Könntest mal sagen wo du den Fehler vermutest, ich hab nicht so Lust mir alles durchzulesen, Sorry.


----------



## Feeder (18. Jun 2017)

Hellosager hat gesagt.:


> Könntest mal sagen wo du den Fehler vermutest, ich hab nicht so Lust mir alles durchzulesen, Sorry.



Der Fehler; 

Thread arbeitet durch äußere Einflüsse WhileSchleife länger ab. Position ist außerhalb der Grenzen. Der Nächste Durchlauf ist schneller, Position wird nicht wieder in die Grenzen gesetzt...


----------



## mrBrown (18. Jun 2017)

Dann fang genau den Fall ab. Wenn sie außerhalb der Grenzen sind, werden sie wieder rein gesetzt. 

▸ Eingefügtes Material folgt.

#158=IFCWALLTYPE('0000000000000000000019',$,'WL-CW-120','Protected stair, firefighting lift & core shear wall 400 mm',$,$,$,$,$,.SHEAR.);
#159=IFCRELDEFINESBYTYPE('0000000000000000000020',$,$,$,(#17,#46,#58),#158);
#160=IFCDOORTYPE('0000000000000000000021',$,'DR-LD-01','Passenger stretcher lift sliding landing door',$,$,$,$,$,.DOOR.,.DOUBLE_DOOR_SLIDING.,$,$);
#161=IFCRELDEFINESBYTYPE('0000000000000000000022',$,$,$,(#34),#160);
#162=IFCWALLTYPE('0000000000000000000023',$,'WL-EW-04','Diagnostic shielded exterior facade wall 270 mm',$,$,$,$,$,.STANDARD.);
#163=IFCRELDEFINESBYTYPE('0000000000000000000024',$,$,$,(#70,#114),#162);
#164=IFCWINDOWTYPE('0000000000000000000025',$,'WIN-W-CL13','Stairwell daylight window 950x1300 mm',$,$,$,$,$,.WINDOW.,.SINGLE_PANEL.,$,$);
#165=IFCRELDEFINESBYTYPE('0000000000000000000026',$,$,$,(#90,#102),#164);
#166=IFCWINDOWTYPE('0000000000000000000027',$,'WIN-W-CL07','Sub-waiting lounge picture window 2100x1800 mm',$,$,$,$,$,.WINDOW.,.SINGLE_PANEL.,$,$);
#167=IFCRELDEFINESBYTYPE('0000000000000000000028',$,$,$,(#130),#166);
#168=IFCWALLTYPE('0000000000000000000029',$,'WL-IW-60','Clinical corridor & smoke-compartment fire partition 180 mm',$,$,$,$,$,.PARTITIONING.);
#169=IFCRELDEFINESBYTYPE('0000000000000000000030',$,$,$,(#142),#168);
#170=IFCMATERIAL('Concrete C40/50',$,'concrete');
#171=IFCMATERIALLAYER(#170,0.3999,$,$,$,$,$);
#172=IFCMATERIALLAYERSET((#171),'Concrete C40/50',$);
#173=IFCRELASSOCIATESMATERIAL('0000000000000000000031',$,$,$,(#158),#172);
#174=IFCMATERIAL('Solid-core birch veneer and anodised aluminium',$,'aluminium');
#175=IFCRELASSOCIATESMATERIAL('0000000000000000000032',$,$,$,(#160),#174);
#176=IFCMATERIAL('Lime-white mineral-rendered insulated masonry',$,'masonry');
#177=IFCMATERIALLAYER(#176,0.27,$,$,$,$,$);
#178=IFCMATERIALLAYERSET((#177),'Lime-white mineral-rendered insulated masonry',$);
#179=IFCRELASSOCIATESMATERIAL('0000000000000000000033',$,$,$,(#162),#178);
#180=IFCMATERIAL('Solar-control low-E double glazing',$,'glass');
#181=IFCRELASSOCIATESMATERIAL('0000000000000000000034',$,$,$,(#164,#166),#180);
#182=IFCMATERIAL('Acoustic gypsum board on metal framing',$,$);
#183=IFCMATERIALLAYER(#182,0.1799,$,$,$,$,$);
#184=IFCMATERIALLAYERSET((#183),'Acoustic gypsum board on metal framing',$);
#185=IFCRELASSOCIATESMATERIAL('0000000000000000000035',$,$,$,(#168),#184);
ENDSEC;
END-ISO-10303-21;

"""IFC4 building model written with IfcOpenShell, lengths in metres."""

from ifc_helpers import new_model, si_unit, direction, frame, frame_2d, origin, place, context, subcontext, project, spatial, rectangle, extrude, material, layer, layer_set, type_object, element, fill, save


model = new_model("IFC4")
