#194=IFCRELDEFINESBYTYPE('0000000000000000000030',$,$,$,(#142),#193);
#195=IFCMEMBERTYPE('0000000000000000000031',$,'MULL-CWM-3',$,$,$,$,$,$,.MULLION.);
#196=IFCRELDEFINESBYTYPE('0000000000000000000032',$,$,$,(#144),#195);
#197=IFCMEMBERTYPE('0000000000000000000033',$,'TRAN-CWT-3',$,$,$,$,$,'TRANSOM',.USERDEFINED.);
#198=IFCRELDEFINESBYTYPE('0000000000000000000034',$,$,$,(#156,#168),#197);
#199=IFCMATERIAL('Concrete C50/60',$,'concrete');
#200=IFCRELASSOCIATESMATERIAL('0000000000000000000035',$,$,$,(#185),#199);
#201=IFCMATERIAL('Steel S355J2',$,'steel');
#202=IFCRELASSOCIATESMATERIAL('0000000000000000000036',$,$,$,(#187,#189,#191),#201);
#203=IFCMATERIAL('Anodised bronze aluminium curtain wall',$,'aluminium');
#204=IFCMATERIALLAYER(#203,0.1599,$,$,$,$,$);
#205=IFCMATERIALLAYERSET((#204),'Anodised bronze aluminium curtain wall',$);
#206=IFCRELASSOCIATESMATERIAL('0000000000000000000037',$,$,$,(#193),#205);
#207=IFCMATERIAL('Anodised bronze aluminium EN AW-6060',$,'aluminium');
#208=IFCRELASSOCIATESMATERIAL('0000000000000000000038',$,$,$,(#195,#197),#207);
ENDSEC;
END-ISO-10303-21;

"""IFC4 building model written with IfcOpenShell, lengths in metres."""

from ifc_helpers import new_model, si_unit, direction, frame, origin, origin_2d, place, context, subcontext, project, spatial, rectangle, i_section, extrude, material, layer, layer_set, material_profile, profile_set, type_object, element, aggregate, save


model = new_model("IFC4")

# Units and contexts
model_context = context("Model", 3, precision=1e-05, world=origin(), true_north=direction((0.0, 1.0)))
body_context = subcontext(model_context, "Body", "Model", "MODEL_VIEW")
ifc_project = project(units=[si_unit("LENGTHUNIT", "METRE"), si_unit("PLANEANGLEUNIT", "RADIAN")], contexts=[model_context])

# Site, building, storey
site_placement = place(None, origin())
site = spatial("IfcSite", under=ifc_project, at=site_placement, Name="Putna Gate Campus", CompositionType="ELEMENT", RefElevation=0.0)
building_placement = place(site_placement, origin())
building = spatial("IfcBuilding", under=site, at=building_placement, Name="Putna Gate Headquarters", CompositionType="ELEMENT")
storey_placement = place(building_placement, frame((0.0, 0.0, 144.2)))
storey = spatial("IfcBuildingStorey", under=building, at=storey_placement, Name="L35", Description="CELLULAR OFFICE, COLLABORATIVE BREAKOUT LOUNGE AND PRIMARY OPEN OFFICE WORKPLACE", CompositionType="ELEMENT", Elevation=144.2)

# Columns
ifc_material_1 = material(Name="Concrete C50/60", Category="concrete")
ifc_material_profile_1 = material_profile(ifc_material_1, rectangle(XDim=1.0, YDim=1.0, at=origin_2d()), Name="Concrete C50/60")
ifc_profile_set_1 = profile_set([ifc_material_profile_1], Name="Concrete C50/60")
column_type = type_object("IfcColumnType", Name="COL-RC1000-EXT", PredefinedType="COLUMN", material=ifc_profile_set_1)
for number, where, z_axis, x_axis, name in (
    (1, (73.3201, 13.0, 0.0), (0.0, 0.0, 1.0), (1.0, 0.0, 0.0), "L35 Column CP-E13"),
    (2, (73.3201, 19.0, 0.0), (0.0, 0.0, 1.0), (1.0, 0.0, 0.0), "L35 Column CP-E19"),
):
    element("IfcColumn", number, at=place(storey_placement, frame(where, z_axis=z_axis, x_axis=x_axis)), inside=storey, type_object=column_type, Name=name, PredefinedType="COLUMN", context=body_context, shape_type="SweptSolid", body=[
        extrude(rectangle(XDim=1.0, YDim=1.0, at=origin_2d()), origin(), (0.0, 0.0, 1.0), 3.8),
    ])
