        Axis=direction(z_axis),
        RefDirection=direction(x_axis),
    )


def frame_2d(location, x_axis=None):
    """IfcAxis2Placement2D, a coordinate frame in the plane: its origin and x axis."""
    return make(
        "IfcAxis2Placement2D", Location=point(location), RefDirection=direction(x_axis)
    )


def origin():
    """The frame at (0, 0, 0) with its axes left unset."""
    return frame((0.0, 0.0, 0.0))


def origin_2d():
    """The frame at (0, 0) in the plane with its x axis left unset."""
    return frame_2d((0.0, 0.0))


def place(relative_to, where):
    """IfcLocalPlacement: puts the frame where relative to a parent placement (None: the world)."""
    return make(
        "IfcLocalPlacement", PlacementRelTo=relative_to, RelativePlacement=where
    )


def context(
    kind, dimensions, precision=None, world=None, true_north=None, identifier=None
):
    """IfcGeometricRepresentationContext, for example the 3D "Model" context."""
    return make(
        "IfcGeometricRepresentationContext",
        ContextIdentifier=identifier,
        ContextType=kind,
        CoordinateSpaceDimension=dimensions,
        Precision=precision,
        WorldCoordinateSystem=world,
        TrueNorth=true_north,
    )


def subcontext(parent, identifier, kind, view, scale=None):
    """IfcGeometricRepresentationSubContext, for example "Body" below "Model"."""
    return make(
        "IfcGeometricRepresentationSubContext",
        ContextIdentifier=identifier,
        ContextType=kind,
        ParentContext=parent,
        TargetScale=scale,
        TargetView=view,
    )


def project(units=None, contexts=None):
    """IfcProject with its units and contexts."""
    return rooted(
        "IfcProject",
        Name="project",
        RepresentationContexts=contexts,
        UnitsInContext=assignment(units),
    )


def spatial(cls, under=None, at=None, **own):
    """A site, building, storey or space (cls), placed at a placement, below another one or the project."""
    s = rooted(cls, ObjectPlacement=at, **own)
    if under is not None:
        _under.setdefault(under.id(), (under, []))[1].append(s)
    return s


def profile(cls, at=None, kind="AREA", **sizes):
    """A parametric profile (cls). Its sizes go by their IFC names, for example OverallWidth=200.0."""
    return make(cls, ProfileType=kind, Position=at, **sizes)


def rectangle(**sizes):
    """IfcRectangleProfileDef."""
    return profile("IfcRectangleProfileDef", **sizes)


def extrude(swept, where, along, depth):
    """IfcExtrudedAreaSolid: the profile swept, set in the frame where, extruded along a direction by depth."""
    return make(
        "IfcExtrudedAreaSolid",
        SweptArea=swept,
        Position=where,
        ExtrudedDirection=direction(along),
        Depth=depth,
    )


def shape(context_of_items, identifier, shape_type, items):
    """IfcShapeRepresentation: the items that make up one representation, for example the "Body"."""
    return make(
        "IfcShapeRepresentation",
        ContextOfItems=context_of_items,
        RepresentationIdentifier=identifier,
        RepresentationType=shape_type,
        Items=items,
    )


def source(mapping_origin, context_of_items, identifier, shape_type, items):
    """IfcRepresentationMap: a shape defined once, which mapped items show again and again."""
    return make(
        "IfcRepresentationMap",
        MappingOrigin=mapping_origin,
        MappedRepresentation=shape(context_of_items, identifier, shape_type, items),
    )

Deine Vector-Klasse ist btw völliger Unsinn.


----------



## Feeder (18. Jun 2017)

mrBrown hat gesagt.:


> Dann fang genau den Fall ab. Wenn sie außerhalb der Grenzen sind, werden sie wieder rein gesetzt.
> 
> 
> Deine Vector-Klasse ist btw völliger Unsinn.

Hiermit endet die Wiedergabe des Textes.